Roch barangkali gambaran lemahnya seorang perempuan. Setegar-tegarnya pribadi wanita itu, sekuat-kuatnya benteng keimanannya, ada saat-saat dia lemah dan rapuh. Dua tahun ditinggal suami merantau, bukan waktu yang singkat. Bisa saja orang lain mencemooh, kalau imannya kuat tidak bakalan tergoda. Cemoohan itu jelas bukan tindakan bijaksana. Keimanan seseorang butuh dukungan. Dalam kesendirian terkadang membuat seseorang mudah tergoda. Itu pula yang dialami Roch. Kesendirian tanpa suami rupanya membuat hatinya rapuh hingga tak kuat menahan goda. Jelas bukan kesalahan Roch semata, kalau akhirnya kesetiaannya tak setangguh yang diharapkan sang suami.
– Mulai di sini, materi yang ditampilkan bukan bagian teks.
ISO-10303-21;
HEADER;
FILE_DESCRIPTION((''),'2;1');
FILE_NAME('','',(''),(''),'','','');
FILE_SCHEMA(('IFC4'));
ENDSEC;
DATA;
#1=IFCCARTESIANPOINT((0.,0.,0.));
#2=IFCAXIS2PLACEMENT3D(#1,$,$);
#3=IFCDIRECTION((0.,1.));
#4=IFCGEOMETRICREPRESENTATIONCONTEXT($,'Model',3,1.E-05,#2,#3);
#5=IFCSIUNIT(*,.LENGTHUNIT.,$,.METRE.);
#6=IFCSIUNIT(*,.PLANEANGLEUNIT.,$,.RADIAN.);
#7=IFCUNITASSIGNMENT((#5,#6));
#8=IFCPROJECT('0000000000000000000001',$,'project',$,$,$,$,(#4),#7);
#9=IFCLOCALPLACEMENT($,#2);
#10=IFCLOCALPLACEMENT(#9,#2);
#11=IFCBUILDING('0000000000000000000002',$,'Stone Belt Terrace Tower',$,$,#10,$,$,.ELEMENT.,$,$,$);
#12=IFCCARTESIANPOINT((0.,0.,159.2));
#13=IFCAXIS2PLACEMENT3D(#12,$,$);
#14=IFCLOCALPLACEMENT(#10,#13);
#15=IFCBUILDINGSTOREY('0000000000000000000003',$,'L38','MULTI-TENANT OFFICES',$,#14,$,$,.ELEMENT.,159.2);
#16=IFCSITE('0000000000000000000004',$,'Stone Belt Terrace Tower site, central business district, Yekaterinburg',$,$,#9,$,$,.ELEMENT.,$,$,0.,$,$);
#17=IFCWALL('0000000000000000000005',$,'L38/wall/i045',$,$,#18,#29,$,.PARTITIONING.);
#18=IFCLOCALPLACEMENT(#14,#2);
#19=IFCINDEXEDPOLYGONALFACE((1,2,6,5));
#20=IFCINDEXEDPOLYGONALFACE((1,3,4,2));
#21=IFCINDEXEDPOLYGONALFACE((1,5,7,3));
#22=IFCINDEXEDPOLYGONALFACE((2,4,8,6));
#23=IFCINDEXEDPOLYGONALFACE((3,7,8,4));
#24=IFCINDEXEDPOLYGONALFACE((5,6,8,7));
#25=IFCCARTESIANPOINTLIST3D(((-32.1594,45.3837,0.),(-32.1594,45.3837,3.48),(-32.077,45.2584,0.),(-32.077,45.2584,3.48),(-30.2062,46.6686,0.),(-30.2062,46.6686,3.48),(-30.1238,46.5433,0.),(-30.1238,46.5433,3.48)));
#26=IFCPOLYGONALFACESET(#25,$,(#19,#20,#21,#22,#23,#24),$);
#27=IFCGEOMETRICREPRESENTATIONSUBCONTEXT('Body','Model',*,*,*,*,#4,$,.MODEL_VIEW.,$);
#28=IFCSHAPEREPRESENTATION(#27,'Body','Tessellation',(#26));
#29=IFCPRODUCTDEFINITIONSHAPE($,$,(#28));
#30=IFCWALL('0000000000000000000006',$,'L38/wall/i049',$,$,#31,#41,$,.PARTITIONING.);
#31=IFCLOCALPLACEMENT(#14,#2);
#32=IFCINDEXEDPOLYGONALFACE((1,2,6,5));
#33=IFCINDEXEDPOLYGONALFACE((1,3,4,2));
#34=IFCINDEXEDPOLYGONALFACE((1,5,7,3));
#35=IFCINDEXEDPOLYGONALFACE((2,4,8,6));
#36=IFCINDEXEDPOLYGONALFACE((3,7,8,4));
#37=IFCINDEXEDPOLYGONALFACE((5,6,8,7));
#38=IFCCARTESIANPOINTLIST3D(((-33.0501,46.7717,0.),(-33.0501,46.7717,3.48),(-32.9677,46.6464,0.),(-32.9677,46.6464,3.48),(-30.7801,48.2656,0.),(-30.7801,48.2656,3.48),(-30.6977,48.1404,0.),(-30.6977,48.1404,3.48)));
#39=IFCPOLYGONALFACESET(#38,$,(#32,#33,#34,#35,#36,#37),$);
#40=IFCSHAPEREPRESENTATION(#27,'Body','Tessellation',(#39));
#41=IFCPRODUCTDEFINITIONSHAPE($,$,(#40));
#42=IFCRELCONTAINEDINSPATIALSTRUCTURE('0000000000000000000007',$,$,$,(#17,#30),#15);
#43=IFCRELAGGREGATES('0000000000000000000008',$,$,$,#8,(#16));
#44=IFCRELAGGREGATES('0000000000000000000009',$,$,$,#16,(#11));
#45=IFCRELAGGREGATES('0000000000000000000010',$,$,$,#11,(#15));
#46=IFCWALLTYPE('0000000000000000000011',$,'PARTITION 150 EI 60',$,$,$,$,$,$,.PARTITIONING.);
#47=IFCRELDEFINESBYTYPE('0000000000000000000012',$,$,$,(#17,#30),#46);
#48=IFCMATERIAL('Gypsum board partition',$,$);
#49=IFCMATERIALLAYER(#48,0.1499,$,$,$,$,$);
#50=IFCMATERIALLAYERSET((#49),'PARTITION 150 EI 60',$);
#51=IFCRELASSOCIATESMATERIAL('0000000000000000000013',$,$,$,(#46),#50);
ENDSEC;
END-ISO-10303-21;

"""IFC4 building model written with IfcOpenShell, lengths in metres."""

from ifc_helpers import new_model, si_unit, direction, frame, frame_2d, origin, place, context, subcontext, project, spatial, rectangle, extrude, material, layer, layer_set, type_object, element, save


model = new_model("IFC4")

# Units and contexts
model_context = context("Model", 3, precision=1e-05, world=origin(), true_north=direction((0.0, 1.0)))
body_context = subcontext(model_context, "Body", "Model", "MODEL_VIEW")
ifc_project = project(units=[si_unit("LENGTHUNIT", "METRE"), si_unit("PLANEANGLEUNIT", "RADIAN")], contexts=[model_context])

# Site, building, storey
site_placement = place(None, origin())
site = spatial("IfcSite", under=ifc_project, at=site_placement, Name="Stone Belt Terrace Tower site, central business district, Yekaterinburg", CompositionType="ELEMENT", RefElevation=0.0)
building_placement = place(site_placement, origin())
building = spatial("IfcBuilding", under=site, at=building_placement, Name="Stone Belt Terrace Tower", CompositionType="ELEMENT")
storey_placement = place(building_placement, frame((0.0, 0.0, 159.2)))
storey = spatial("IfcBuildingStorey", under=building, at=storey_placement, Name="L38", Description="MULTI-TENANT OFFICES", CompositionType="ELEMENT", Elevation=159.2)

# Shared definitions
ifc_material_1 = material(Name="Gypsum board partition")

# Shared definitions
ifc_layer_1 = layer(ifc_material_1, 0.1499)
ifc_layer_set_1 = layer_set([ifc_layer_1], Name="PARTITION 150 EI 60")
wall_type_1 = type_object("IfcWallType", Name="PARTITION 150 EI 60", PredefinedType="PARTITIONING", material=ifc_layer_set_1)

# Walls
wall_1_placement = place(storey_placement, frame((-30.165, 46.606, 0.0), z_axis=(0.0, 0.0, 1.0), x_axis=(-0.835425, -0.549605, 0.0)))
element("IfcWall", 1, at=wall_1_placement, inside=storey, type_object=wall_type_1, Name="L38/wall/i045", PredefinedType="PARTITIONING", context=body_context, shape_type="SweptSolid", body=[
    extrude(rectangle(XDim=2.3379, YDim=0.1499, at=frame_2d((1.1689, 0.0))), origin(), (0.0, 0.0, 1.0), 3.48),
])
wall_2_placement = place(storey_placement, frame((-33.009, 46.709, 0.0), z_axis=(0.0, 0.0, 1.0), x_axis=(0.835339, 0.549735, 0.0)))
element("IfcWall", 2, at=wall_2_placement, inside=storey, type_object=wall_type_1, Name="L38/wall/i049", PredefinedType="PARTITIONING", context=body_context, shape_type="SweptSolid", body=[
    extrude(rectangle(XDim=2.7175, YDim=0.1499, at=frame_2d((1.3589, 0.0))), origin(), (0.0, 0.0, 1.0), 3.48),
])

save(model, "model.ifc")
Itulah di antara persoalan yang kadang mengiringi teman-teman buruh migran. Lamanya mereka berpisah dengan suami atau istri memungkinkan goyahnya kesetiaan, baik menimpa suami yang pergi merantau ataupun istri yang ditinggalkan. Begitu juga sebaliknya.

Simak juga kisah yang menimpa gadis lugu dari sebuah dusun di Jombang. Kalau ini bukan si gadis yang tidak setia. Dia jatuh pada pelukan satu lelaki ke lelaki lain, justru karena sang pacar meman sama sekali tak butuh kesetiaan. Sang pacar, Ririn memang telah dirasuki pikiran sesat. Betapa tidak, sebagai seorang kekasih, Ririn tega mengumpankan Gadis (nama samaran) pada sejumlah teman-temannya. Gadis akhirnya trauma, karena terus diancam untuk melakukan hubungan layaknya suami istri sejumlah sejumlah pemuda.

Pembaca yang budiman, entah apa yang ada di benak Ririn dengan kawan-kawannya tersebut. Sudah tidak adakah moral untuk melindungi wanita di jaman sekarang ini. Yang ada pikiran mereka sepertinya hanya soal cabul dan cabul serta pelampiasan hasrat seks. Dalam benak Ririn, tak ada kamus yang berbunyi KESETIAAN.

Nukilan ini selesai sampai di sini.